Zdeněk Hejduk, 1970s
Zdeněk Hejduk, 1970s
photo: Archive of the witness

Zdeněk Hejduk was born on 1 October 1959 in Čáslav. His parents were working class, his mother worked as a seamstress in Pleas, his father as a maintenance worker in a sewage treatment plant. He experienced the occupation of the country by the Warsaw Pact troops as a boy, yet he remembers how stormy the celebrations of the victory of our hockey players over the Soviet Union in 1969 were. Despite his good school grades, he did not want to go to school at first, and he became a wood modeler at ČKD Kutná Hora.
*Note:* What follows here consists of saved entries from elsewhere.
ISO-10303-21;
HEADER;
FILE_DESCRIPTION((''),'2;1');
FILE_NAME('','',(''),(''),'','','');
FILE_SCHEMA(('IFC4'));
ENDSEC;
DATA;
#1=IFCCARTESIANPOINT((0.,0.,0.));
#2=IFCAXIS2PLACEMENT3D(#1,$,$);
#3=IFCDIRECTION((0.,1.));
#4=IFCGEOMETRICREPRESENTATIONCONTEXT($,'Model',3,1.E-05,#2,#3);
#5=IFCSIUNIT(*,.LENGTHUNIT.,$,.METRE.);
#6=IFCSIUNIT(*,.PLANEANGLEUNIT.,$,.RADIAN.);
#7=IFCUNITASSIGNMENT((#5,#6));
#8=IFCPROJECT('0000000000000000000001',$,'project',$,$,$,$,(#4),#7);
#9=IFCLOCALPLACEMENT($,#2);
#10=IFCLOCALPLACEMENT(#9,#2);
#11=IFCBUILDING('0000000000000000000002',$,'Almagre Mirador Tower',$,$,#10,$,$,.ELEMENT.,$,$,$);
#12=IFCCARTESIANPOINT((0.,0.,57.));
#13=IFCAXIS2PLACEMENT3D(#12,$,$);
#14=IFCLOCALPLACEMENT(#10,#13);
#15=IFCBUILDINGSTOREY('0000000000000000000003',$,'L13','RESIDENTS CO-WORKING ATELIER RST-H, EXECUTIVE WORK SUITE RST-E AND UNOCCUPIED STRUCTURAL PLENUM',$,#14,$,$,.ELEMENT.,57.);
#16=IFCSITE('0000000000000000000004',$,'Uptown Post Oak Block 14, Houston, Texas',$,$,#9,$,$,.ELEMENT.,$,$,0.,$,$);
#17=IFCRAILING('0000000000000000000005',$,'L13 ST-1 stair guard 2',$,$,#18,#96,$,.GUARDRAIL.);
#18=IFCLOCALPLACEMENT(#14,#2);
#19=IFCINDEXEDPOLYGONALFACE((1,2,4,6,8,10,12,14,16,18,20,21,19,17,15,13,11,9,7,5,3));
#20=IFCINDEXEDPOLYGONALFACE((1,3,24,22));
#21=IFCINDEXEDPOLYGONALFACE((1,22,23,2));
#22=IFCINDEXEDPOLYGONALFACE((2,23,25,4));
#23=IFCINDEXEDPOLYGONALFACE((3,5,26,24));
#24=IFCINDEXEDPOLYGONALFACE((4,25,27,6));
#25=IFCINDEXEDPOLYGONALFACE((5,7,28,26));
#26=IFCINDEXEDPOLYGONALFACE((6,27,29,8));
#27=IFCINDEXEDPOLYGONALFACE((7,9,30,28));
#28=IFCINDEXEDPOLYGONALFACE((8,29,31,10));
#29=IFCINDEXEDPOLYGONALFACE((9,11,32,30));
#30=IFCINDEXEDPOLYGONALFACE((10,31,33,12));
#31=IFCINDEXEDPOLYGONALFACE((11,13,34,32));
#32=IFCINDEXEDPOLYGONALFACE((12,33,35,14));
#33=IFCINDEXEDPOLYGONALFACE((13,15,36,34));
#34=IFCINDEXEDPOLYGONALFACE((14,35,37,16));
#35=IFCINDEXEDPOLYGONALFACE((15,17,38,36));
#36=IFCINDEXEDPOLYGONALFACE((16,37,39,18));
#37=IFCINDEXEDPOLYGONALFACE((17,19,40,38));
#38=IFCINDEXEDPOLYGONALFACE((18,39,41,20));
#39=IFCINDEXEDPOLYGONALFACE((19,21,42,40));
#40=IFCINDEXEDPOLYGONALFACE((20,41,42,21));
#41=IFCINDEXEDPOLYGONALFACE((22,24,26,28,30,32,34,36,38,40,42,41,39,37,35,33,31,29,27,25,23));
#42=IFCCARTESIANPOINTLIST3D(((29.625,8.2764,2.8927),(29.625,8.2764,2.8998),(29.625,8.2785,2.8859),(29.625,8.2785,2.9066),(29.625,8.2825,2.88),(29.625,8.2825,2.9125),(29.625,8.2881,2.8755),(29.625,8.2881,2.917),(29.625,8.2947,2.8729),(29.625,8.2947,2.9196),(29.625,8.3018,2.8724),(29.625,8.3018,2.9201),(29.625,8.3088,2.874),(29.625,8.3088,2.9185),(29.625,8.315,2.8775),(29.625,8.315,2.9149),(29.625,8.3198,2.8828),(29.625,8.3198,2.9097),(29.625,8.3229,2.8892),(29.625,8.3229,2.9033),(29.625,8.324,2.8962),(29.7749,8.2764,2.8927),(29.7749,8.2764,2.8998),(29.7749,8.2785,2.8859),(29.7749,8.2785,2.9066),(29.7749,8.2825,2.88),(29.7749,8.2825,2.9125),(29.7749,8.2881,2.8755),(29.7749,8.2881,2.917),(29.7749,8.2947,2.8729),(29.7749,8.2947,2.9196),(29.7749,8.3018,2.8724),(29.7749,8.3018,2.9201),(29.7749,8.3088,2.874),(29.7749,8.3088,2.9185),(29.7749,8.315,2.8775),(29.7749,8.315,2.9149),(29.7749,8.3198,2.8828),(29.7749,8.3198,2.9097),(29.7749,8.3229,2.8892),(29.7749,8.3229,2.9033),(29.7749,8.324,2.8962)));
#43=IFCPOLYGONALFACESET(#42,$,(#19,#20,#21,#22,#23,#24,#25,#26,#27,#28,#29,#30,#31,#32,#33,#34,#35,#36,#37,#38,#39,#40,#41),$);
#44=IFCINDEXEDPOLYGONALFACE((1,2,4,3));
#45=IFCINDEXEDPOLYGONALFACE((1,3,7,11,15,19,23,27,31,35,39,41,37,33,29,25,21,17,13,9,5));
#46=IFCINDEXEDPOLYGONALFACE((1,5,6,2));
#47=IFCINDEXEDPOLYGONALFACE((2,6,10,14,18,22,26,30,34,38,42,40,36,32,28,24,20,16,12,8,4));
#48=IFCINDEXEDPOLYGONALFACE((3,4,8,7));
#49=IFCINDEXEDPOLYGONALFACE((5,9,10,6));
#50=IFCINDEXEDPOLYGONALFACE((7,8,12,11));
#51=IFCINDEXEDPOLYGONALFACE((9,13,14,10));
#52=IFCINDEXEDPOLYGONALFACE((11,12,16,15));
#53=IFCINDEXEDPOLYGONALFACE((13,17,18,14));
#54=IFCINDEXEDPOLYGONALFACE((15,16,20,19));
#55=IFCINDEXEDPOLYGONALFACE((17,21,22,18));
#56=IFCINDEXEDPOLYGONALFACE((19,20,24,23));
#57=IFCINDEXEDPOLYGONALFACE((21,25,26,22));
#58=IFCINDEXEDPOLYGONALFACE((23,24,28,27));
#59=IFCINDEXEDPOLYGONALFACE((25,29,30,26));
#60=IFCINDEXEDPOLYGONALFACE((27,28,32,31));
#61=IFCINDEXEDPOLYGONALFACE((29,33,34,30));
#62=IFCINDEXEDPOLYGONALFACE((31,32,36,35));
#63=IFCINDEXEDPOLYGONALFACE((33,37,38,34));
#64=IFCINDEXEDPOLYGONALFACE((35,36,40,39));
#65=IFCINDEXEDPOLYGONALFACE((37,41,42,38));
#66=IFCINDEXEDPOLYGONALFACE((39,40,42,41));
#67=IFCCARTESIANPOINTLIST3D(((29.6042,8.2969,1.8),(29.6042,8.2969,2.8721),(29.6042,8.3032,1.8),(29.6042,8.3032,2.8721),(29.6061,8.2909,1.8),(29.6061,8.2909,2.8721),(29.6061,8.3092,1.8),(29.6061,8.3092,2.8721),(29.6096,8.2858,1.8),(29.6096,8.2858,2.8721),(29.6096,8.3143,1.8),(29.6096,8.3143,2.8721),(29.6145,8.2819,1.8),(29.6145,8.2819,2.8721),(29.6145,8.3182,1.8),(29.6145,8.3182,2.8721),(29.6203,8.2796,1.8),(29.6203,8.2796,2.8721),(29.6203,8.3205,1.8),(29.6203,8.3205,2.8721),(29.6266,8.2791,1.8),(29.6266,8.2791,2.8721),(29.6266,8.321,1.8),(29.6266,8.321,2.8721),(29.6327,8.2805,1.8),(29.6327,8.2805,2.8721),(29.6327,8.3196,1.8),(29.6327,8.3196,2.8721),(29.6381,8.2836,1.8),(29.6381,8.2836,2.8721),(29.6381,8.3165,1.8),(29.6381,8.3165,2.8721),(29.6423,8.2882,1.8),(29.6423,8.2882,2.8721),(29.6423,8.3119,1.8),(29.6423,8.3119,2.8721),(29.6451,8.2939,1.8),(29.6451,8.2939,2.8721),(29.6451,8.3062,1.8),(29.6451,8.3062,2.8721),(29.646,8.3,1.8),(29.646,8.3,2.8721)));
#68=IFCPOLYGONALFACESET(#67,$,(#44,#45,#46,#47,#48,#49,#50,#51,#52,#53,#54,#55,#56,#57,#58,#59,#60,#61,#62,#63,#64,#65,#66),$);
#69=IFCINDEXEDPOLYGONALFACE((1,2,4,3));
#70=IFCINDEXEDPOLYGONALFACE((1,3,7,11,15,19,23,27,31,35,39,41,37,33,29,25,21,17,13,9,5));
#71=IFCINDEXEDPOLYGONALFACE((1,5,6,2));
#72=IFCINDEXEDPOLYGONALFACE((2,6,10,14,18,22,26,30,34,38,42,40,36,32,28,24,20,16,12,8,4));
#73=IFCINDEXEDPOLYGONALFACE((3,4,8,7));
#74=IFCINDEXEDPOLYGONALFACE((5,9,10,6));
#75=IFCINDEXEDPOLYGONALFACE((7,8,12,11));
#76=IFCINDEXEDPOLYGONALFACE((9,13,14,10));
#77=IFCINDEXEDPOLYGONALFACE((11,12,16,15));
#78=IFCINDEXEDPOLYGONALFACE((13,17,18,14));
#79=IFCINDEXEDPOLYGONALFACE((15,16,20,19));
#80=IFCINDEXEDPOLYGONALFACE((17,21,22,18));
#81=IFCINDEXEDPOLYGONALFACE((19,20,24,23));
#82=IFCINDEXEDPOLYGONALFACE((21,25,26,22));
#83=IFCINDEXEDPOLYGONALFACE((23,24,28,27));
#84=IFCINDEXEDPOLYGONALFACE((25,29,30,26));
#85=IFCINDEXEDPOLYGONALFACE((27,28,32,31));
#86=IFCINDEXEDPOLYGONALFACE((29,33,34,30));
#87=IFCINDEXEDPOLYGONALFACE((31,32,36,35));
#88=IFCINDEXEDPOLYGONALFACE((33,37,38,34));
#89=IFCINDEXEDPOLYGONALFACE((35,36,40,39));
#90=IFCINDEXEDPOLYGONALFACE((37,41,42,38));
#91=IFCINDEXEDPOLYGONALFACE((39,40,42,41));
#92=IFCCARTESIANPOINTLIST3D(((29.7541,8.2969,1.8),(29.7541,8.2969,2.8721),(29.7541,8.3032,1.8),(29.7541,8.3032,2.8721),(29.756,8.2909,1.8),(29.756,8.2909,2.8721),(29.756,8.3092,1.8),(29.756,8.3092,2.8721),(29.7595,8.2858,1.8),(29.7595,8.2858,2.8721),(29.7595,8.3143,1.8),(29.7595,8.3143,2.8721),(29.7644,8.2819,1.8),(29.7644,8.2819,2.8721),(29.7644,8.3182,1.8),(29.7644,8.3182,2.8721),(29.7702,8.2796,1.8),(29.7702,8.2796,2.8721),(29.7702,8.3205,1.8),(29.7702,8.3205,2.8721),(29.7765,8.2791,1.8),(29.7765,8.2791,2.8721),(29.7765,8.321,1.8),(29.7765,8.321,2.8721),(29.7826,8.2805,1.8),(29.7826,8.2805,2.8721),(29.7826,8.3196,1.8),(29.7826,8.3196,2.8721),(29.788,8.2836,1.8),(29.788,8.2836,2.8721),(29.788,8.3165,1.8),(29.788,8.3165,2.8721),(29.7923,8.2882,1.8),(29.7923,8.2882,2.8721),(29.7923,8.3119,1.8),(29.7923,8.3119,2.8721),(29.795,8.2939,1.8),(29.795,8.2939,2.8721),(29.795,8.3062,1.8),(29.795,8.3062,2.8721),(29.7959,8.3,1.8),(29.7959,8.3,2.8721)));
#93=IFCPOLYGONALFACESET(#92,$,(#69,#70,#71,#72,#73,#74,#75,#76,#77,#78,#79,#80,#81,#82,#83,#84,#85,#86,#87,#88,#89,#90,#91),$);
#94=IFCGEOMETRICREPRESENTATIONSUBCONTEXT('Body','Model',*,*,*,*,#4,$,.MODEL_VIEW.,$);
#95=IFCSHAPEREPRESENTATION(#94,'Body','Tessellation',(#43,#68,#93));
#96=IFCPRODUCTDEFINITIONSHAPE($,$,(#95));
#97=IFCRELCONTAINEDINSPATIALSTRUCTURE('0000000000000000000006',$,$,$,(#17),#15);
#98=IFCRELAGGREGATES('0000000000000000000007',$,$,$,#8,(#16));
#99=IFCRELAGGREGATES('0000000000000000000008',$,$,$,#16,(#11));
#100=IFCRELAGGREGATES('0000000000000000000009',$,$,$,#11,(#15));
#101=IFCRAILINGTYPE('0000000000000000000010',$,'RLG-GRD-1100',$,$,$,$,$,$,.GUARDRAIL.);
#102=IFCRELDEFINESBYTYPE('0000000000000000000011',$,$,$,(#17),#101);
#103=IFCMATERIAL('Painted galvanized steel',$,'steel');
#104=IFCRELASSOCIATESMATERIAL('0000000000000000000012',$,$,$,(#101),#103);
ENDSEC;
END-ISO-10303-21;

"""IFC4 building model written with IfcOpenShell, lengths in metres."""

from ifc_helpers import new_model, si_unit, direction, frame, origin, origin_2d, place, context, subcontext, project, spatial, circle, extrude, material, type_object, element, save


model = new_model("IFC4")

# Units and contexts
model_context = context("Model", 3, precision=1e-05, world=origin(), true_north=direction((0.0, 1.0)))
body_context = subcontext(model_context, "Body", "Model", "MODEL_VIEW")
ifc_project = project(units=[si_unit("LENGTHUNIT", "METRE"), si_unit("PLANEANGLEUNIT", "RADIAN")], contexts=[model_context])

# Site, building, storey
site_placement = place(None, origin())
site = spatial("IfcSite", under=ifc_project, at=site_placement, Name="Uptown Post Oak Block 14, Houston, Texas", CompositionType="ELEMENT", RefElevation=0.0)
building_placement = place(site_placement, origin())
building = spatial("IfcBuilding", under=site, at=building_placement, Name="Almagre Mirador Tower", CompositionType="ELEMENT")
storey_placement = place(building_placement, frame((0.0, 0.0, 57.0)))
storey = spatial("IfcBuildingStorey", under=building, at=storey_placement, Name="L13", Description="RESIDENTS CO-WORKING ATELIER RST-H, EXECUTIVE WORK SUITE RST-E AND UNOCCUPIED STRUCTURAL PLENUM", CompositionType="ELEMENT", Elevation=57.0)

# Railing
ifc_material_1 = material(Name="Painted galvanized steel", Category="steel")
railing_type_1 = type_object("IfcRailingType", Name="RLG-GRD-1100", PredefinedType="GUARDRAIL", material=ifc_material_1)
railing_1_placement = place(storey_placement, frame((29.625, 8.3, 1.8)))
element("IfcRailing", 1, at=railing_1_placement, inside=storey, type_object=railing_type_1, Name="L13 ST-1 stair guard 2", PredefinedType="GUARDRAIL", context=body_context, shape_type="SweptSolid", body=[
    extrude(circle(Radius=0.0239, at=origin_2d()), frame((0.0, 0.0, 1.0962), z_axis=(1.0, 0.0, 0.0), x_axis=(0.0, 1.0, 0.0)), (0.0, 0.0, 1.0), 0.1499),
    extrude(circle(Radius=0.021, at=origin_2d()), origin(), (0.0, 0.0, 1.0), 1.072),
    extrude(circle(Radius=0.021, at=origin_2d()), frame((0.1499, 0.0, 0.0)), (0.0, 0.0, 1.0), 1.072),
])

save(model, "model.ifc")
Later he graduated from the Secondary Industrial Foundry School in Brno and worked for over 20 years in a non-ferrous metal foundry in Kolín-Zálabí. Throughout his studies he had problems with his long hair. He found out about the demonstrations in November 1989 on his way to a concert of the band Punc. He then followed the revolutionary events mainly in the newspaper Svobodné slovo (Free word). From a young age he enjoyed photography and attended a photography club at the House of Pioneers and Youth. After the revolution, he photographed reports from all editions of the Rock for People music festival. At the time of the filming, in 2024, he was the host of the semi-amateur Radio Patriot’s music programme Hejdukova hudební hodinka (Hejduk’s Music Hour), and since 2015 he has been the director of the Municipal Community Centre in Kolín. He has lived in Kolín since the 1990s.